Jill Aho. University Accuses RIAA of ‘Spying’ On Students. Oregon Daily Emerald. Dec. 3, 2007. After the Oregon Department of Justice moved to quash an RIAA subpoena that sought the identities of University of Oregon students who allegedly committed copyright infringement, attorney general Hardy Myers’ office returns with another motion. This second motion alleges RIAA and MediaSentry are “spying” on Oregon residents. MediaSentry is a Maryland-based company that locates and identifies IP addresses that the RIAA targets in its litigation campaign against consumers. Part of OAG’s new claim is that MediaSentry is an investigator, and as such, not licensed to do business in the state of Oregon. Now that is awfully novel argument that takes a pair to present to a judge. Categories: Cases & Litigation; Education; File Sharing, P2P & Downloads; Music.
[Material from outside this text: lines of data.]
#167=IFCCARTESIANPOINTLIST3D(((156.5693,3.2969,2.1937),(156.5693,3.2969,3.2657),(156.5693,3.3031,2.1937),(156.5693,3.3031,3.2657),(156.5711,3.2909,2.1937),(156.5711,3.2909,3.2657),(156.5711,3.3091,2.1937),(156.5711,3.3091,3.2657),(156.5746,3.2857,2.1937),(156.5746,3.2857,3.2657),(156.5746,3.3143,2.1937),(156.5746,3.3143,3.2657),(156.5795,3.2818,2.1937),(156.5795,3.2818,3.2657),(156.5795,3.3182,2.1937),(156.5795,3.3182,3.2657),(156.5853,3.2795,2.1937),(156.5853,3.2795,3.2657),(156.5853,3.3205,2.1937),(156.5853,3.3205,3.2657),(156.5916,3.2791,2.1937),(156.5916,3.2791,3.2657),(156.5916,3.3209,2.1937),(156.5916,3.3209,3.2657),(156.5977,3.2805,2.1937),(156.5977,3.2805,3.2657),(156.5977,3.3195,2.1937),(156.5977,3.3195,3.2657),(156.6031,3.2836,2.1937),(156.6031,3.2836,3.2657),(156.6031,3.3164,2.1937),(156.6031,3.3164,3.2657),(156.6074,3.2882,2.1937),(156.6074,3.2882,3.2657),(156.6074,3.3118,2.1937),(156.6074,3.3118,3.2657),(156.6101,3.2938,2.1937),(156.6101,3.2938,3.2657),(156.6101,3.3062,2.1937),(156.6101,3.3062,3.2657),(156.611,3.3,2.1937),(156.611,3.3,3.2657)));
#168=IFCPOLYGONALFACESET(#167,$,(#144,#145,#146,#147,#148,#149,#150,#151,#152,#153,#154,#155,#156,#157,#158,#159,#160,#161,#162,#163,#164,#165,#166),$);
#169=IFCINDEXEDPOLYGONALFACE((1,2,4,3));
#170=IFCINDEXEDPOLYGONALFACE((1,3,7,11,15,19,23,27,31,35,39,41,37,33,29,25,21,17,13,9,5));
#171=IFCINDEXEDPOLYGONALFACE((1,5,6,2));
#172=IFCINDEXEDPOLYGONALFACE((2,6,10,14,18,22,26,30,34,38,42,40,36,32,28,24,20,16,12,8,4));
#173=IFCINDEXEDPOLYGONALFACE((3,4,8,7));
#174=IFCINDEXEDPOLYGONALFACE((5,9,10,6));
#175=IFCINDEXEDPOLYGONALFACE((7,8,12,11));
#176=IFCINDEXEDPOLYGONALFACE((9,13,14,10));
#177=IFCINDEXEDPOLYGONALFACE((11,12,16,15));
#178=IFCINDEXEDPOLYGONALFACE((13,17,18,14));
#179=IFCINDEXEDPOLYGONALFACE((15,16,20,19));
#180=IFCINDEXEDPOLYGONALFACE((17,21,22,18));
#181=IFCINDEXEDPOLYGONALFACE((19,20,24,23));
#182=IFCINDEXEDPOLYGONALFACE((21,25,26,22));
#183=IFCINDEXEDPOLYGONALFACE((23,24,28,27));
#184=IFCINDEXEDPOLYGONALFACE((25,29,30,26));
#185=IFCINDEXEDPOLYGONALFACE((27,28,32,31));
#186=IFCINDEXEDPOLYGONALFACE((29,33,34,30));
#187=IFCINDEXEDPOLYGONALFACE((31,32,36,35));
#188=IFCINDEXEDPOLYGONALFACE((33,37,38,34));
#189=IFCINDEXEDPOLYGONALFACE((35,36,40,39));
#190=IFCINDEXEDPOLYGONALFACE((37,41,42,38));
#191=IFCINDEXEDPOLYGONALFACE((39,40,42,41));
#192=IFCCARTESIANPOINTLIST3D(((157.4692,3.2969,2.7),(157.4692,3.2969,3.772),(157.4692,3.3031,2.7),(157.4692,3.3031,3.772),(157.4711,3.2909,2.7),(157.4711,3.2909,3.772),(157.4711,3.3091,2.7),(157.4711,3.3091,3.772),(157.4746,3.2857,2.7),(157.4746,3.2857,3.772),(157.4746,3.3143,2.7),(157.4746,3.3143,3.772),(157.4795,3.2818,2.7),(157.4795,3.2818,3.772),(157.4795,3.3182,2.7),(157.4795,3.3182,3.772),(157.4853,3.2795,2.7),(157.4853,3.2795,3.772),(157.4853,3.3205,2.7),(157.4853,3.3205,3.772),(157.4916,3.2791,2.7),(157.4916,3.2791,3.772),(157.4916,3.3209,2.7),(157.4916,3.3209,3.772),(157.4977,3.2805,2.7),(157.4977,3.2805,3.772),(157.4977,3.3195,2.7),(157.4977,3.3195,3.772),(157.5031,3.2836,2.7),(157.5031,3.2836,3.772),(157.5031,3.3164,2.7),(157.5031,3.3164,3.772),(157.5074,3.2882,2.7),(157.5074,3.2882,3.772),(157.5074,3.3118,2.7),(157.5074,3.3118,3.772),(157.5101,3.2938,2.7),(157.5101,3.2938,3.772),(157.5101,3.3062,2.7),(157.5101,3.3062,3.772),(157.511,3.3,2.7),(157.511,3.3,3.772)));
Mark Sullivan. The Most Anti-Tech Organizations in America. PC World. Dec. 2, 2007. The organizations on this list won’t surprise anyone. What is surprising is that the intellectual property environment in the U.S. has become so unbalanced that even a mainstream press outlet like PC World notices it, and devotes feature article coverage to it. Categories: Politics & Government.
Copyright Litigation Blog. Freelancers, Unregistered Copyrights and Electronic Database Litigation. Dec. 2, 2007. Ray Dowd analyzes the Second Circuit’s decision to bar class action settlement claims from plaintiffs who own copyright to unregistered works. This decision is a followup to the Supreme Court’s ruling in New York Times v. Tasini. Categories: Cases & Litigation; Registration.
GhanaMusic.com. Copyright Investment Bank Soon. Dec. 1, 2007. If successful, the African country will be the first country in the world to create an organization exclusively devoted to intellectual property securitization, which will give financing to producers, musicians, visual artists, and other creators while using the creators’ intellectual property as loan collateral. It is the Bowie bonds concept gone international. Categories: International; Licensing & Permissions; Music.
Andy Dornan. End Of The Line For Licensing. InformationWeek. Dec. 1, 2007. Traditional software licensing models are based upon a one license per processor model. Increasingly, though, computers are able to run the native machine and at least one virtual machine, which means that software could be in use over more than one processor. You had to know software manufacturers would have a plan in place to address software use over these virtual machines. Categories: Computers; Licensing & Permissions; Networks.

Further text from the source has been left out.